Название: Toutes les Oeuvres Majeures de Léon Tolstoï
Автор: León Tolstoi
Издательство: Bookwire
Жанр: Языкознание
isbn: 4064066446673
isbn:
«Vois-tu, mon ami, on ne vit pas, on dort quand on n’a pas un amour dans le cœur. Nous sommes les enfants de la poussière, mais, lorsqu’on aime, on devient Dieu, on devient pur comme au premier jour de la création!… Qui va là? Envoie-le au diable, je n’ai pas le temps!»
Mais Lavrouchka s’approcha de lui sans se déconcerter:
«Ce n’est personne, c’est le maréchal des logis à qui vous avez dit de venir chercher l’argent.»
Denissow fit un geste d’impatience aussitôt réprimé:
«Mauvaise affaire, grommela-t-il… Dis donc, Rostow, combien y a-t-il dans ma bourse?
— Sept pièces neuves et trois vieilles.
— Ah! Mauvaise affaire! Que fais-tu là planté comme une borne? Va chercher le maréchal des logis!
— Denissow, je t’en prie, s’écria Rostow en rougissant, prends de mon argent, tu sais que j’en ai.

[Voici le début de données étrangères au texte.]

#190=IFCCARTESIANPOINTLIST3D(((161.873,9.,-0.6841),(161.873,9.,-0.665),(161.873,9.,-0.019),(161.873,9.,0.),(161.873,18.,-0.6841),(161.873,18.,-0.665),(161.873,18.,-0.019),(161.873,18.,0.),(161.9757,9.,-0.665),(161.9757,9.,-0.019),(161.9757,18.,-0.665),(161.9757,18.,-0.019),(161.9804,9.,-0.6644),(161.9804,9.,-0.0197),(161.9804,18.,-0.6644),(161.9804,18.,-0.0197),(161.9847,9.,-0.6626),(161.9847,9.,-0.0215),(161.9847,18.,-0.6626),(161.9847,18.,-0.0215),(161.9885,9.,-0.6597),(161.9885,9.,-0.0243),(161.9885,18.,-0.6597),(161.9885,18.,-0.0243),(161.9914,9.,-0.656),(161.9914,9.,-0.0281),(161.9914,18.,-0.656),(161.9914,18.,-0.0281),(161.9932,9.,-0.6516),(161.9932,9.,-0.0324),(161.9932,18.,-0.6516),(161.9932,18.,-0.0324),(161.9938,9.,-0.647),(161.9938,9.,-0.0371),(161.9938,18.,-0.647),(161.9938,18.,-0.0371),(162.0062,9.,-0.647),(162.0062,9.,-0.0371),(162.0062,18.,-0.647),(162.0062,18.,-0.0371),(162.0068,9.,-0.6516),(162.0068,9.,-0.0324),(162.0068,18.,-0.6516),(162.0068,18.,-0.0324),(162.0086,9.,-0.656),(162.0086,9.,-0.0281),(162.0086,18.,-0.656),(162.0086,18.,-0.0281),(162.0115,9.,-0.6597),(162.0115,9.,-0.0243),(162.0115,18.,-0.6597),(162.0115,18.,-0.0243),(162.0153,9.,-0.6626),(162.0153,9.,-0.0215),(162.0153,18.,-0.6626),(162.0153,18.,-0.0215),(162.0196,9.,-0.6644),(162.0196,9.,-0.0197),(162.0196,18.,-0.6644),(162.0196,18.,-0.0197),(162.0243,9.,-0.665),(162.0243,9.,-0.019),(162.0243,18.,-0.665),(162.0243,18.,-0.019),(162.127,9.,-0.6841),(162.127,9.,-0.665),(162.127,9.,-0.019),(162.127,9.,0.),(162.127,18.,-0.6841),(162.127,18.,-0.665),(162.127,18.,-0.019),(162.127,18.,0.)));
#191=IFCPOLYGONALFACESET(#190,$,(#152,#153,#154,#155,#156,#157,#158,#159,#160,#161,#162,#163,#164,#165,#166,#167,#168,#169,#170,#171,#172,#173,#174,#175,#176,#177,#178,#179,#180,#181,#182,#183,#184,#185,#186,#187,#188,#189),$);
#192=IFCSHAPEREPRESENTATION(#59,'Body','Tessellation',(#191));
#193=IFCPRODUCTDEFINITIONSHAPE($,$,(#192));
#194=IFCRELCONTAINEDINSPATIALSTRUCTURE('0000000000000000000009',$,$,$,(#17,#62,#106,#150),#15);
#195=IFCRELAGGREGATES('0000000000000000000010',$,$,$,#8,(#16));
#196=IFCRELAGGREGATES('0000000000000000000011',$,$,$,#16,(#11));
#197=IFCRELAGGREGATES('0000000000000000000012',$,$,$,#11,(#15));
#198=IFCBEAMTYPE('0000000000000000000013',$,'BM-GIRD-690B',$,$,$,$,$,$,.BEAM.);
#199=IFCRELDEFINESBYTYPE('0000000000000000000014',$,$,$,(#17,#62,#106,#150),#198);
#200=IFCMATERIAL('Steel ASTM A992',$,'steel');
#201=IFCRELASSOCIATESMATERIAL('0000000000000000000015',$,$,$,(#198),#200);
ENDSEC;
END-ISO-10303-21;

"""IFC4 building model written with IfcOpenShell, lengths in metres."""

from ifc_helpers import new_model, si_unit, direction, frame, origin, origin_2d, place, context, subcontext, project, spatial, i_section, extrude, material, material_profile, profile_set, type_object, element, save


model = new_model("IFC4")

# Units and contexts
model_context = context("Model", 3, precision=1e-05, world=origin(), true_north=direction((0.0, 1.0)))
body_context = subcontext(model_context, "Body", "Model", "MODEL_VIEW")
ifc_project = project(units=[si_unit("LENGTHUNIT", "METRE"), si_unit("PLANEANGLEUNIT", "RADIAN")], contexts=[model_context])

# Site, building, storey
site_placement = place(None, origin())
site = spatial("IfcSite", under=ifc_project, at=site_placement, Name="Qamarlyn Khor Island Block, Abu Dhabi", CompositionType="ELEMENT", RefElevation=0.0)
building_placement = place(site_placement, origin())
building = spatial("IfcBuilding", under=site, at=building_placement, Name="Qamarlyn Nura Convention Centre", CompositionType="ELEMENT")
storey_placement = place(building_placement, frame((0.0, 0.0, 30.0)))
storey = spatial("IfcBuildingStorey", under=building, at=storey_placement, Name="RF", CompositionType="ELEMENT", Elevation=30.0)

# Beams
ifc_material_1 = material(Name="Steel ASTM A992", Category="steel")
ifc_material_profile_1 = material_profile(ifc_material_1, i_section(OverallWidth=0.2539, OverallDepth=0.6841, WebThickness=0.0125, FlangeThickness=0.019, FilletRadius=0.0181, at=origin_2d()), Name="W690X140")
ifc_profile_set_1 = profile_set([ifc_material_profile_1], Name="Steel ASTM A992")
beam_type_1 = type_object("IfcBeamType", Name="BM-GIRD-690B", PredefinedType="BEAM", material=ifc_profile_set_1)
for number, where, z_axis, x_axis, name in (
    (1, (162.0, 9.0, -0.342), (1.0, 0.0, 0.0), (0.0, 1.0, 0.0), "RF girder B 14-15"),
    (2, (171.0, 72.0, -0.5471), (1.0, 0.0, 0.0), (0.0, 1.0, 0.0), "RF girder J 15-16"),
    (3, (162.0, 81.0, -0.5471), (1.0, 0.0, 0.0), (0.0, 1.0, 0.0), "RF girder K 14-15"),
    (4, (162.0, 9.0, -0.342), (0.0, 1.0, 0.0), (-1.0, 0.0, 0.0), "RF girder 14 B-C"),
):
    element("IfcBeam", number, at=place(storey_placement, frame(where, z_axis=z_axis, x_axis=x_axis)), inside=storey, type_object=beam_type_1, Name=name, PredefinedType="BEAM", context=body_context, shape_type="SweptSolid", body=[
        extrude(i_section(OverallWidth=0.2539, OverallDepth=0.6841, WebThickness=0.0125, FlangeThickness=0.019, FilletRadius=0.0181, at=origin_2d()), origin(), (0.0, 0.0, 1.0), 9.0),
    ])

— Je n’aime pas à emprunter aux amis. Non, je n’aime pas cela.
— Si tu ne me traites pas en camarade, tu m’offenseras sérieusement; j’en ai, je t’assure, répéta Rostow.
— Mais non, je te le répète…»
Denissow s’approcha du lit pour retirer sa bourse de dessous l’oreiller:
«Où l’as-tu cachée?
— Sous le dernier oreiller.
— Elle n’y est pas!…»
Et Denissow jeta les deux oreillers par terre.
«C’est vraiment inouï!
— Tu l’auras fait tomber, attends, dit Rostow, en secouant les oreillers à son tour et en rejetant également de côté la couverture… Pas de bourse!… Aurais-je donc oublié? Mais non, puisque j’ai même pensé que tu la gardais sous ta tête comme un trésor. Je l’ai bien mise là pourtant; où est-elle donc? Ajouta-t-il en se tournant vers Lavrouchka.
— Elle doit être là où vous l’avez laissée, car je ne suis pas entré!
— Et je te dis qu’elle n’y est pas.
— C’est toujours la même histoire… vous oubliez toujours où vous mettez les choses… regardez dans vos poches.
— Mais non, te dis-je, puisque j’ai pensé au trésor… je me rappelle très bien que je l’ai mise là.»
Lavrouchka défit entièrement le lit, regarda partout, fureta dans tous les coins, et s’arrêta au beau milieu de la chambre, en étendant les bras avec stupéfaction. Denissow, qui avait suivi tous ses mouvements en silence, se tourna à ce geste vers Rostow:
«Voyons, Rostow, cesse de plaisanter!»
Rostow, en sentant peser sur lui le regard de son ami, releva les yeux et les baissa aussitôt. Son visage devint pourpre et la respiration lui manqua.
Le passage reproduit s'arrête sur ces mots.